Most people have been or know someone affected by Lyme Disease. The ticks that transmit this disease are found in all of the US, Canada, Mexico, European and most Asian countries. When they bite, they can inject the bacteria that cause Lyme disease and other diseases.

Early Symptoms of Lyme Disease

Lyme disease begins after a tick bite. This is sometimes followed by a bulls-eye rash, becoming exhausted in the middle of the day – totally incapable of continuing without collapsing in bed, flu-like symptoms that may or may not go away, or suddenly developing arthritis. Since any of these symptoms could be something else, diagnosing LD is difficult.

Diagnosis Difficulties

The bulls-eye rash is diagnostic for Lyme disease and treatment often begins with no further testing, but almost 50% of people affected have no or atypical rashes. When Lyme disease is suspected, doctors send blood samples for testing. This test looks for antibodies in response to the bacterium. If the test is positive, the standard treatment is two weeks of antibiotics. If it provides a false negative diagnosis (which it does about 40% of the time), the patient may be sent away and not properly treated for some time and require extensive treatments to cure the disease. Which antibiotics, the duration and mode of administration, and the bacterium's response to treatment vary widely.

Borrelia burgdorferi and its Effects
Borrelia burgdorferi, is a spirochete transmitted by the black-legged tick, Ixodes scapularis (previously called I. dammini). Once infected, spirochetes travel through the blood stream and affect many organs, often burrowing into the cells, and wreaking havoc wherever they settle: They trigger arthritis; cause heart arrhythmias, (rarely) heart attack, weaken cardiac muscle; alter sensory input, motor control, disrupt thought processes, may cause paralysis of facial muscles (Bell's palsy) and other muscle groups; trigger muscle pain (myalgia), weakness, and sometimes tetany; produce rashes – often with a bullseye appearance; and can cross the placenta, causing fetal abnormalities.

The Ticks

The tick's role in transmitting Lyme Disease was noted shortly after the identification and naming of Lyme Disease in 1977. Ticks usually hatch without internal parasites, obtaining them over a period of several days as they feed from previously infected hosts.

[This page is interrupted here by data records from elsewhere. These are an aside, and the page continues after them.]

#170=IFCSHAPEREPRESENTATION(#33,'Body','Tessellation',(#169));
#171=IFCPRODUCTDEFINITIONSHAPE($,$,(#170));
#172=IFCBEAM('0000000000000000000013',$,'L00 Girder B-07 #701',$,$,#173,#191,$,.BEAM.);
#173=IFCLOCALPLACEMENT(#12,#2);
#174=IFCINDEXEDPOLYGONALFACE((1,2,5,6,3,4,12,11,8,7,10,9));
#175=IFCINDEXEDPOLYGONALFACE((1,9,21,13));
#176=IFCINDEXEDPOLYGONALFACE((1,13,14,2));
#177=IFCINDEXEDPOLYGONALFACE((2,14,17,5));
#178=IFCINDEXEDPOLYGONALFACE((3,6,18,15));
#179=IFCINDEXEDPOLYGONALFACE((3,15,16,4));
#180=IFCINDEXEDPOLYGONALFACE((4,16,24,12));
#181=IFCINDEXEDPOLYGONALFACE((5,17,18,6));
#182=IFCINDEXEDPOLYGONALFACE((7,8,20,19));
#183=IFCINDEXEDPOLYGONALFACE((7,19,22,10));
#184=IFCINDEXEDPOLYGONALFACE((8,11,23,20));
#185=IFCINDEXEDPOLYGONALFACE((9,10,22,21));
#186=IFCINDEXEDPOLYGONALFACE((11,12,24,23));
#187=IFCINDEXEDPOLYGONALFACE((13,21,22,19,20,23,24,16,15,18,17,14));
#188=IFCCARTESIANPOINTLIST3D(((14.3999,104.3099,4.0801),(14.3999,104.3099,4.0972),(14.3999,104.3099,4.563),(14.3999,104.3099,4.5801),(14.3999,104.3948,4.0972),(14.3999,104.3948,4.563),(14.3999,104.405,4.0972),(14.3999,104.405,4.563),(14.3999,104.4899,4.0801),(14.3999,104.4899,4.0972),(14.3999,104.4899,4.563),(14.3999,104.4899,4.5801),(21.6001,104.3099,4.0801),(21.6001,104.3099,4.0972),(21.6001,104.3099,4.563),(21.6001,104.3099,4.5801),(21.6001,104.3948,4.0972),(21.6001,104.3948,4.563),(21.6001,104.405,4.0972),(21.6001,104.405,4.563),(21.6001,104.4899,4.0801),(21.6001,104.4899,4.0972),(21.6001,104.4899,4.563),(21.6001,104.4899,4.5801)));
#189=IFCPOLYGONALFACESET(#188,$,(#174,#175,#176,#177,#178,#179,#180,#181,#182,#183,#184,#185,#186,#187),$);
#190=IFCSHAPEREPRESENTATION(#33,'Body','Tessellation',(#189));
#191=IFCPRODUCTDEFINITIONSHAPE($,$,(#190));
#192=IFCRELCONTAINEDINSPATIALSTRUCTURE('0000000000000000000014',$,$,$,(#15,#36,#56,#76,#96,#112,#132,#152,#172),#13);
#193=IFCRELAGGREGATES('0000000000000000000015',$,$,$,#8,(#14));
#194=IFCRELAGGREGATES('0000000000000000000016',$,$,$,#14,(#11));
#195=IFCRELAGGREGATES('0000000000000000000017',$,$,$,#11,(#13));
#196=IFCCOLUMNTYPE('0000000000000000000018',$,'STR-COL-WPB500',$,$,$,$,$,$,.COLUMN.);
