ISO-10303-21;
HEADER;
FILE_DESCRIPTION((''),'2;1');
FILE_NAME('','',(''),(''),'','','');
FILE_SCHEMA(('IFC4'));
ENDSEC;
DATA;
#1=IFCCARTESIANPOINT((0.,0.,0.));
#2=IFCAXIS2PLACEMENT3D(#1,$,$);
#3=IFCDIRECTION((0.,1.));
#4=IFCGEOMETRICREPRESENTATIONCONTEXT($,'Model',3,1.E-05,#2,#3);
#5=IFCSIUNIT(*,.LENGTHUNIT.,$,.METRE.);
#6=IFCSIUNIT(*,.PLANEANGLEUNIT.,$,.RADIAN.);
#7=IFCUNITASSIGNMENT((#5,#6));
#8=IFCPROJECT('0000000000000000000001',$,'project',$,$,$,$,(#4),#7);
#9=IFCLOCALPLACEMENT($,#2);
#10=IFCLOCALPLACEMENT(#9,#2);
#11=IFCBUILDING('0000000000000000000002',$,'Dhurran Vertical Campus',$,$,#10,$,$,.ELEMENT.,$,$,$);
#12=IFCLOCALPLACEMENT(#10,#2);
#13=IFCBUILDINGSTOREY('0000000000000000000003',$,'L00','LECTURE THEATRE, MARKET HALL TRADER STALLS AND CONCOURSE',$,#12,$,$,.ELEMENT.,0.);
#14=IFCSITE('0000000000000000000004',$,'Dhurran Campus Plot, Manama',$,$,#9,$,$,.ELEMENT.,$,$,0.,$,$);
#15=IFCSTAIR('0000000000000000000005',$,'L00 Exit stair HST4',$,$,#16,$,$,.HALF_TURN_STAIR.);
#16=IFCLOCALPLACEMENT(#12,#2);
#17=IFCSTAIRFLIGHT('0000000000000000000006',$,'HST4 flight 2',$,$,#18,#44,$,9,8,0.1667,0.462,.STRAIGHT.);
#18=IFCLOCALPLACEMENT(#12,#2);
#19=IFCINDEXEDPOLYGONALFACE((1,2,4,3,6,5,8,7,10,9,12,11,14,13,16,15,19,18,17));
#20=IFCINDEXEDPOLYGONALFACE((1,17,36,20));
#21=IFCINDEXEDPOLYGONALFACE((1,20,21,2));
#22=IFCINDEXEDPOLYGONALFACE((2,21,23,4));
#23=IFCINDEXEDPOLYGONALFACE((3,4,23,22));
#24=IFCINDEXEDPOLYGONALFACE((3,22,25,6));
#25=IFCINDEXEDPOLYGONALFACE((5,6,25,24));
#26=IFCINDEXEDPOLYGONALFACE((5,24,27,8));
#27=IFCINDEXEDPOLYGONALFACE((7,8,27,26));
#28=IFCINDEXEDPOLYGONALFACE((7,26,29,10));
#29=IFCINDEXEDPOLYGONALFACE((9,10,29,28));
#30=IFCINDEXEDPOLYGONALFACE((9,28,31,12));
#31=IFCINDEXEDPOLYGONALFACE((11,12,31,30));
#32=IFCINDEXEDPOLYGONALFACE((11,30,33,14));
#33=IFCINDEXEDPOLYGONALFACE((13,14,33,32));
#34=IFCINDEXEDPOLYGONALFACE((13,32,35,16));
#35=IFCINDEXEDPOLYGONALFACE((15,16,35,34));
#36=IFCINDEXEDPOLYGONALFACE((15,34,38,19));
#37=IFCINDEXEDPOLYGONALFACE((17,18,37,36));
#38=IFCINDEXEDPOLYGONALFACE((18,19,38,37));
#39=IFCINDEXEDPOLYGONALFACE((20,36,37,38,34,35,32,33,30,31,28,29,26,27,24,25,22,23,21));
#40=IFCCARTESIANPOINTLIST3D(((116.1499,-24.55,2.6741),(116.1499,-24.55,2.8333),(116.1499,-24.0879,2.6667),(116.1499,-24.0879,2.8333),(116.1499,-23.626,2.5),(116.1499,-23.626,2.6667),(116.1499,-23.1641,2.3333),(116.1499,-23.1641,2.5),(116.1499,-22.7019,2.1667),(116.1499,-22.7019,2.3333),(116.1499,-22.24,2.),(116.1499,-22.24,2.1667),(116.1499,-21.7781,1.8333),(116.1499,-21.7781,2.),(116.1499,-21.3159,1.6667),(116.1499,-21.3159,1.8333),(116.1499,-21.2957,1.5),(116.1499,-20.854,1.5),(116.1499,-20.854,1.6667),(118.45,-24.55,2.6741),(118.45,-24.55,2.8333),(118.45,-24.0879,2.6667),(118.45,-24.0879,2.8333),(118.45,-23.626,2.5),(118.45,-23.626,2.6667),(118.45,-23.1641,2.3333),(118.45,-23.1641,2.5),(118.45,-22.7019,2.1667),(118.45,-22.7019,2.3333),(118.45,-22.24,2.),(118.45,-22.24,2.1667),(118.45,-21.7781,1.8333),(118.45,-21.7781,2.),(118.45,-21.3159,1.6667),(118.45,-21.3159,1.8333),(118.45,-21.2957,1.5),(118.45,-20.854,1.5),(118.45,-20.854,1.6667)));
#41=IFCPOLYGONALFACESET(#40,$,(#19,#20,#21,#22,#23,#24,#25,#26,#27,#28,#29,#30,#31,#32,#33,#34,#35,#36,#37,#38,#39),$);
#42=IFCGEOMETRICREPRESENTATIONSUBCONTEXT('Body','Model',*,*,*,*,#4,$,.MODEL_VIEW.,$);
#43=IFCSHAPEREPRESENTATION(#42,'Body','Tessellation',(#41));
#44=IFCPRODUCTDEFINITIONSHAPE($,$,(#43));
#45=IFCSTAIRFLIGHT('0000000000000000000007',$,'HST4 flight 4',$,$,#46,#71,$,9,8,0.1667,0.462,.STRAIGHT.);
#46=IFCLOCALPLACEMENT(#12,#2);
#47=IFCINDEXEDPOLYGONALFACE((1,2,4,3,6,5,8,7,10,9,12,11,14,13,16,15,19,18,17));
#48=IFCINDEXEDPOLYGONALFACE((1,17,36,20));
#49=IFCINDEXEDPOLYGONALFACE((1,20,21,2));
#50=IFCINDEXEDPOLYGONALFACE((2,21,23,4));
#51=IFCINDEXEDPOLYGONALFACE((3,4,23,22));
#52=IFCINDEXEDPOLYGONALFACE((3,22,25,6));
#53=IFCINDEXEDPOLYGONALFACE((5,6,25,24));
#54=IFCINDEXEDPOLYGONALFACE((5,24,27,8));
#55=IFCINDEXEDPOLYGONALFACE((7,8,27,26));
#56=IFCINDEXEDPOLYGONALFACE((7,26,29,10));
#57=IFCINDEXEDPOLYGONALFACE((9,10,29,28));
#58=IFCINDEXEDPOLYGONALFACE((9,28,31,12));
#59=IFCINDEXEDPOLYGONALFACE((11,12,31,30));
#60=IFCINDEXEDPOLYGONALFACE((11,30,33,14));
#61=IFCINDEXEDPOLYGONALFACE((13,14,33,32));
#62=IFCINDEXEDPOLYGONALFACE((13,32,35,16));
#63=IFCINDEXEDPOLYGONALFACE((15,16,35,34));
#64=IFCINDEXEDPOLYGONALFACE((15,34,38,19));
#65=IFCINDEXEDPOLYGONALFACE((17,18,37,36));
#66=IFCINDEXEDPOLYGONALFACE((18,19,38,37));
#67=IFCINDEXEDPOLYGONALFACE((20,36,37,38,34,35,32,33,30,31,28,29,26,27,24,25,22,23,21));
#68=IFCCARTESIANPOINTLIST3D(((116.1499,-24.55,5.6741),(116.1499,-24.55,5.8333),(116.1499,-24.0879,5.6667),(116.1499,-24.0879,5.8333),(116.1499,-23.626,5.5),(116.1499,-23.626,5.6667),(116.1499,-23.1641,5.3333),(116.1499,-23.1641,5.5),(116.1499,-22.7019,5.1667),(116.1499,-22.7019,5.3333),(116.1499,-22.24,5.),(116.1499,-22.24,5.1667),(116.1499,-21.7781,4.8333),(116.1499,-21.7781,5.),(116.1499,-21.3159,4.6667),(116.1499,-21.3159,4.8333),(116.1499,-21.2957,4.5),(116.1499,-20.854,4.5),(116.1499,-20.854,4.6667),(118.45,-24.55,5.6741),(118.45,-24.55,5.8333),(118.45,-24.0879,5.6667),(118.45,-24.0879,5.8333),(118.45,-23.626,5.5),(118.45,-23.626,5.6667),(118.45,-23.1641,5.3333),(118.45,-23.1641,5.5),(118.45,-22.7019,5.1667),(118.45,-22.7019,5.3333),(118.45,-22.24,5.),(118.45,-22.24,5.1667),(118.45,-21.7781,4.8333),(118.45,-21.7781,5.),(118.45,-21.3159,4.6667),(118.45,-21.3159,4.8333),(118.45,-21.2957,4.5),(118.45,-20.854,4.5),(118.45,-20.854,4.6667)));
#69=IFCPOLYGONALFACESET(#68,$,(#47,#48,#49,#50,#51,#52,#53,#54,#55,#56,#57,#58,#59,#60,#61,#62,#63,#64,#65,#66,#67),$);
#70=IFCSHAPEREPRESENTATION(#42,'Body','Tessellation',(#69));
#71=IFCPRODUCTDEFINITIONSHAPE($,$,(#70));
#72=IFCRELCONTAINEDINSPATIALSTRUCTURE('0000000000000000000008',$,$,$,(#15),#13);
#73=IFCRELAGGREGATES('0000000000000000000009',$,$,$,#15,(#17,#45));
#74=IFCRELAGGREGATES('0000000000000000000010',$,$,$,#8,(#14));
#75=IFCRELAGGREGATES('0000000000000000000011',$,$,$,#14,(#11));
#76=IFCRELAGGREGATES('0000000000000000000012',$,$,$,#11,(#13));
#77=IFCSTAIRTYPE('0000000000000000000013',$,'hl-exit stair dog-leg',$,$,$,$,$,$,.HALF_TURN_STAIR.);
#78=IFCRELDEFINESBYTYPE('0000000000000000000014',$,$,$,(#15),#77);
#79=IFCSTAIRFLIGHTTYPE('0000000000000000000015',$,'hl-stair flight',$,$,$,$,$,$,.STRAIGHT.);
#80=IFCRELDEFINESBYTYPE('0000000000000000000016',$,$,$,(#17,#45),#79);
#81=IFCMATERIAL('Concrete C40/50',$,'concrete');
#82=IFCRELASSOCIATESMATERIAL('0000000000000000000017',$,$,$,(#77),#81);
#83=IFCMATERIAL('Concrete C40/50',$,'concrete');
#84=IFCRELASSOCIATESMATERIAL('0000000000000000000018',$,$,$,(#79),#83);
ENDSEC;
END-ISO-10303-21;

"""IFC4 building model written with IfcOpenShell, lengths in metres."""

from ifc_helpers import new_model, si_unit, direction, frame, origin, place, context, subcontext, project, spatial, polyline, outline, extrude, material, type_object, element, aggregate, save


model = new_model("IFC4")

# Units and contexts
model_context = context("Model", 3, precision=1e-05, world=origin(), true_north=direction((0.0, 1.0)))
body_context = subcontext(model_context, "Body", "Model", "MODEL_VIEW")
ifc_project = project(units=[si_unit("LENGTHUNIT", "METRE"), si_unit("PLANEANGLEUNIT", "RADIAN")], contexts=[model_context])

# Site, building, storey
site_placement = place(None, origin())
site = spatial("IfcSite", under=ifc_project, at=site_placement, Name="Dhurran Campus Plot, Manama", CompositionType="ELEMENT", RefElevation=0.0)
building_placement = place(site_placement, origin())
building = spatial("IfcBuilding", under=site, at=building_placement, Name="Dhurran Vertical Campus", CompositionType="ELEMENT")
storey_placement = place(building_placement, origin())
storey = spatial("IfcBuildingStorey", under=building, at=storey_placement, Name="L00", Description="LECTURE THEATRE, MARKET HALL TRADER STALLS AND CONCOURSE", CompositionType="ELEMENT", Elevation=0.0)

# Stair, stair flights
ifc_material_1 = material(Name="Concrete C40/50", Category="concrete")
stair_type = type_object("IfcStairType", Name="hl-exit stair dog-leg", PredefinedType="HALF_TURN_STAIR", material=ifc_material_1)
stair_placement = place(storey_placement, origin())
stair = element("IfcStair", 1, at=stair_placement, inside=storey, type_object=stair_type, Name="L00 Exit stair HST4", PredefinedType="HALF_TURN_STAIR")
ifc_material_2 = material(Name="Concrete C40/50", Category="concrete")
stair_flight_type = type_object("IfcStairFlightType", Name="hl-stair flight", PredefinedType="STRAIGHT", material=ifc_material_2)
stair_flight_1_placement = place(storey_placement, frame((117.3, -20.854, 1.5), z_axis=(0.0, 0.0, 1.0), x_axis=(0.0, -1.0, 0.0)))
stair_flight_1 = element("IfcStairFlight", 2, at=stair_flight_1_placement, type_object=stair_flight_type, Name="HST4 flight 2", NumberOfRisers=9, NumberOfTreads=8, PredefinedType="STRAIGHT", RiserHeight=0.1667, TreadLength=0.462, context=body_context, shape_type="SweptSolid", body=[
    extrude(outline(polyline([(0.0, 0.0), (0.0, 0.1667), (0.4619, 0.1667), (0.4619, 0.3333), (0.9241, 0.3333), (0.9241, 0.5), (1.386, 0.5), (1.386, 0.6667), (1.8479, 0.6667), (1.8479, 0.8333), (2.3101, 0.8333), (2.3101, 1.0), (2.772, 1.0), (2.772, 1.1667), (3.2339, 1.1667), (3.2339, 1.3333), (3.696, 1.3333), (3.696, 1.5), (3.696, 1.1741), (0.4417, 0.0), (0.0, 0.0)])), frame((0.0, 1.1499, 0.0), z_axis=(0.0, -1.0, 0.0), x_axis=(1.0, 0.0, 0.0)), (0.0, 0.0, 1.0), 2.3),
])
stair_flight_2_placement = place(storey_placement, frame((117.3, -20.854, 4.5), z_axis=(0.0, 0.0, 1.0), x_axis=(0.0, -1.0, 0.0)))
stair_flight_2 = element("IfcStairFlight", 3, at=stair_flight_2_placement, type_object=stair_flight_type, Name="HST4 flight 4", NumberOfRisers=9, NumberOfTreads=8, PredefinedType="STRAIGHT", RiserHeight=0.1667, TreadLength=0.462, context=body_context, shape_type="SweptSolid", body=[
    extrude(outline(polyline([(0.0, 0.0), (0.0, 0.1667), (0.4619, 0.1667), (0.4619, 0.3333), (0.9241, 0.3333), (0.9241, 0.5), (1.386, 0.5), (1.386, 0.6667), (1.8479, 0.6667), (1.8479, 0.8333), (2.3101, 0.8333), (2.3101, 1.0), (2.772, 1.0), (2.772, 1.1667), (3.2339, 1.1667), (3.2339, 1.3333), (3.696, 1.3333), (3.696, 1.5), (3.696, 1.1741), (0.4417, 0.0), (0.0, 0.0)])), frame((0.0, 1.1499, 0.0), z_axis=(0.0, -1.0, 0.0), x_axis=(1.0, 0.0, 0.0)), (0.0, 0.0, 1.0), 2.3),
])
aggregate(stair, [stair_flight_1, stair_flight_2])

save(model, "model.ifc")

About 50% of black-legged ticks carry B. burgdorferi. Almost 20% carry the agent for Babesiosis or Ehrlichiosis, and half of this second group carries two of the three agents. As treatments are different, doctors often test for all three agents when a patient presents an infection after a tick bite.
Tick development includes four stages: egg, larva, nymph, and adult. As sit and wait predators, they feed only once during each stage after the egg. They climb vegetation and hold on until something knocks them off or they are carried away by an animal.

Tick Development: Three Stages

Larvae, the size of the dot in the letter “i,” usually hatch in the spring, wait low in the vegetation, and feed on small mammals or birds. Larvae molt about three months after feeding, and the nymphs climb about a foot off the ground to feed on medium or large mammals and birds that walk by. At the end of the summer, the nymph molts to the adult stage.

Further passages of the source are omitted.